Joseph Wilson, the former U.S. diplomat who publicly challenged the reasoning behind President George W. Bush's invasion of Iraq, died Friday. He was 69.

Wilson died of organ failure, his ex-wife, Valerie Plame, confirmed to several news outlets. Plame's identity as a CIA operative was revealed a week after Wilson contested the Bush administration in a 2003 New York Times op-ed. Plame and Wilson divorced in 2017.

The dispute between Wilson and the Bush administration began after President Bush declared in his State of the Union speech in January 2003 that Iraq was attempting to restart its nuclear program.

"The British government has learned that Saddam Hussein recently sought significant quantities of uranium from Africa," Bush said.

The U.S. invaded Iraq seven weeks later.

But in an op-ed titled "What I Didn't Find in Africa" published in The New York Times, Wilson directly contradicted those 16 words. He claimed that the Bush administration was manipulating intelligence to justify the Iraq invasion.

"Based on my experience with the administration in the months leading up to the war, I have little choice but to conclude that some of the intelligence related to Iraq's nuclear weapons program was twisted to exaggerate the Iraqi threat," Wilson wrote.

For 23 years, Wilson served as a foreign diplomat in various locations — he was the senior U.S. diplomat in Baghdad during the first Gulf War. In 2002, as a private citizen, he was asked by the CIA to travel to Niger on behalf of the U.S. government to investigate claims that Niger had sold uranium to Iraq in the 1990s, according to his op-ed.

"I spent the next eight days drinking sweet mint tea and meeting with dozens of people: current government officials, former government officials, people associated with the country's uranium business," Wilson wrote. "It did not take long to conclude that it was highly doubtful that any such transaction had ever taken place."

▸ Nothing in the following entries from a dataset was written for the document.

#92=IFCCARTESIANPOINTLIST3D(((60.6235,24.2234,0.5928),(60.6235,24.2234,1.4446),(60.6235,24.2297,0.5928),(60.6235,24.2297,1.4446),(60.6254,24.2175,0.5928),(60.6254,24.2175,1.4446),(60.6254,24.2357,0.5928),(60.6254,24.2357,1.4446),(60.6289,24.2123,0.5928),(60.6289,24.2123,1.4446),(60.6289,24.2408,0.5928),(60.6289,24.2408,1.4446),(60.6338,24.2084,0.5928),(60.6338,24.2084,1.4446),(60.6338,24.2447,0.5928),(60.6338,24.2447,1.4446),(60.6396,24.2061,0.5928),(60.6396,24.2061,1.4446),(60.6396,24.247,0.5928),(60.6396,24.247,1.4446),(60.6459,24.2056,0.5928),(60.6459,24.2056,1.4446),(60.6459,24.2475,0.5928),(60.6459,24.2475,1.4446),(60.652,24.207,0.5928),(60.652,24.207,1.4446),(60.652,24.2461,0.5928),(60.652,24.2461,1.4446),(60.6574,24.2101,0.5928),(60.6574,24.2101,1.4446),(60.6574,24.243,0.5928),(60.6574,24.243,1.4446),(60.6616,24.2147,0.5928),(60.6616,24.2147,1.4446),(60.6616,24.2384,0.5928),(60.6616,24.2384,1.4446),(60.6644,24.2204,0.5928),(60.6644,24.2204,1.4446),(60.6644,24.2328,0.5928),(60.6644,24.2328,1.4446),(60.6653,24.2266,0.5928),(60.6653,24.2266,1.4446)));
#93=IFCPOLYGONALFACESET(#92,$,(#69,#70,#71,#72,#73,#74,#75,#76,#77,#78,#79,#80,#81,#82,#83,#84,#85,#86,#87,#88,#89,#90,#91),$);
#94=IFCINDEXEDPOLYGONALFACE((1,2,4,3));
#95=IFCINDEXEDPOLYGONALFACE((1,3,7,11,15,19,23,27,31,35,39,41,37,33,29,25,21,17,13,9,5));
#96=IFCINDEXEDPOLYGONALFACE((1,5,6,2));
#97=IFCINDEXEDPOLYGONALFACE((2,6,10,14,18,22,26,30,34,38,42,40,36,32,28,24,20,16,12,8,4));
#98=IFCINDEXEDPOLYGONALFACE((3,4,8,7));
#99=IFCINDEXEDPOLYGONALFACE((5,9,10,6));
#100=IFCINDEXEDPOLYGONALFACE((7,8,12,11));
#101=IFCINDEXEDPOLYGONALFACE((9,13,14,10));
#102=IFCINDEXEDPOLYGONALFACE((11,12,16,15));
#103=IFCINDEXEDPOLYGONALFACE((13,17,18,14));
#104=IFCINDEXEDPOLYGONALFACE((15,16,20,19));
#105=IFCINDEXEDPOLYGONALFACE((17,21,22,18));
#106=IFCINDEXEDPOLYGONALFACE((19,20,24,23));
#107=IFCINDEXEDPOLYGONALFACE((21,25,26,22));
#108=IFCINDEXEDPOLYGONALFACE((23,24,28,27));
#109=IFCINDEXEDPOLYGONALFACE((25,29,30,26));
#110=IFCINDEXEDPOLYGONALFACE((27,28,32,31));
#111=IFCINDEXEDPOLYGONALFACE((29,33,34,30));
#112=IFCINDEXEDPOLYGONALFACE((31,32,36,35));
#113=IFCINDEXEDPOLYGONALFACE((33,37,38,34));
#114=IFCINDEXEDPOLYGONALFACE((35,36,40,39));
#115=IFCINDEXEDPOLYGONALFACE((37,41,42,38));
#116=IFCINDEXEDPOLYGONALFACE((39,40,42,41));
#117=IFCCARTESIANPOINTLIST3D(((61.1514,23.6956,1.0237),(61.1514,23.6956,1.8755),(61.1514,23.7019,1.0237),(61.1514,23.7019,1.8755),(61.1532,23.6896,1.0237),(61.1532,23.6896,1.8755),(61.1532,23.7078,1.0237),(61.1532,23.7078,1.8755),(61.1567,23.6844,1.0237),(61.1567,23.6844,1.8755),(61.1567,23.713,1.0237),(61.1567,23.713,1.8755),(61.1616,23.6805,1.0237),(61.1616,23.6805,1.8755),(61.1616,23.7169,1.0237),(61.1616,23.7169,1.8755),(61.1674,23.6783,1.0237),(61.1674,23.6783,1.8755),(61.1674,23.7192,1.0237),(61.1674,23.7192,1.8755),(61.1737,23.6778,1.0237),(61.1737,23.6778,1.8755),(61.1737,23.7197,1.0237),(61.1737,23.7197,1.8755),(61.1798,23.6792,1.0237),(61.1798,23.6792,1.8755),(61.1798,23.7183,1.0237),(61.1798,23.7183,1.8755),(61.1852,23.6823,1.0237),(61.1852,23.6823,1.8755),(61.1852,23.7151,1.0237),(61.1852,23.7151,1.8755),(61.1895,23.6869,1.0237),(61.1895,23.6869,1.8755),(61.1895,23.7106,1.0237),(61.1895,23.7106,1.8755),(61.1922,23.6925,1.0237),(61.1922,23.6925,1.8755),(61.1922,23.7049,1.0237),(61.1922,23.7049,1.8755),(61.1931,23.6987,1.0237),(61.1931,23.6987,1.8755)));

That op-ed set off a firestorm in Washington, D.C., as the Bush administration scrambled to justify Bush's State of the Union claim. A week after the article was published, Wilson's then-wife Valerie Plame's covert identity as a CIA operative was leaked to the press and then exposed by columnist Robert Novak. Plame had been undercover for most of her career.

"It just felt like I got a sucker punch to the gut," Plame told NPR's Fresh Air in 2007. "And I knew, of course, my career as I knew it was over."

She was forced to resign from the CIA.

"I was not surprised that the White House would attempt to discredit me. There is a long practice in this town of trying to destroy the credibility of the message by destroying the credibility of the messenger," Wilson told NPR's Renee Montagne in 2004.

"I was shocked that somebody in the U.S. government would take a decision that the political agenda that they were trying to protect or defend was more important than the national security of the country and expose my wife and her activities."

An investigation into the leak of Plame's identity later led to the conviction of vice presidential aide I. Lewis "Scooter" Libby Jr. for perjury and obstruction of justice. President Trump fully pardoned Libby in 2018.

Wilson and Plame became widely recognized celebrities for years after the events unfolded. Both wrote memoirs of the ordeal, and Plame's book Fair Game was made into a 2010 feature film starring Sean Penn and Naomi Watts. Plame became a professional speaker and is now running for Congress as a Democrat in New Mexico.

In a telephone interview with The New York Times on Friday, Plame said that Wilson never regretted writing the op-ed that catapulted them both into the national spotlight.

"He did it because he felt it was his responsibility as a citizen. It was not done out of partisan motivation, despite how it was spun," she told the Times.

"He had the heart of a lion," she said. "He's an American hero."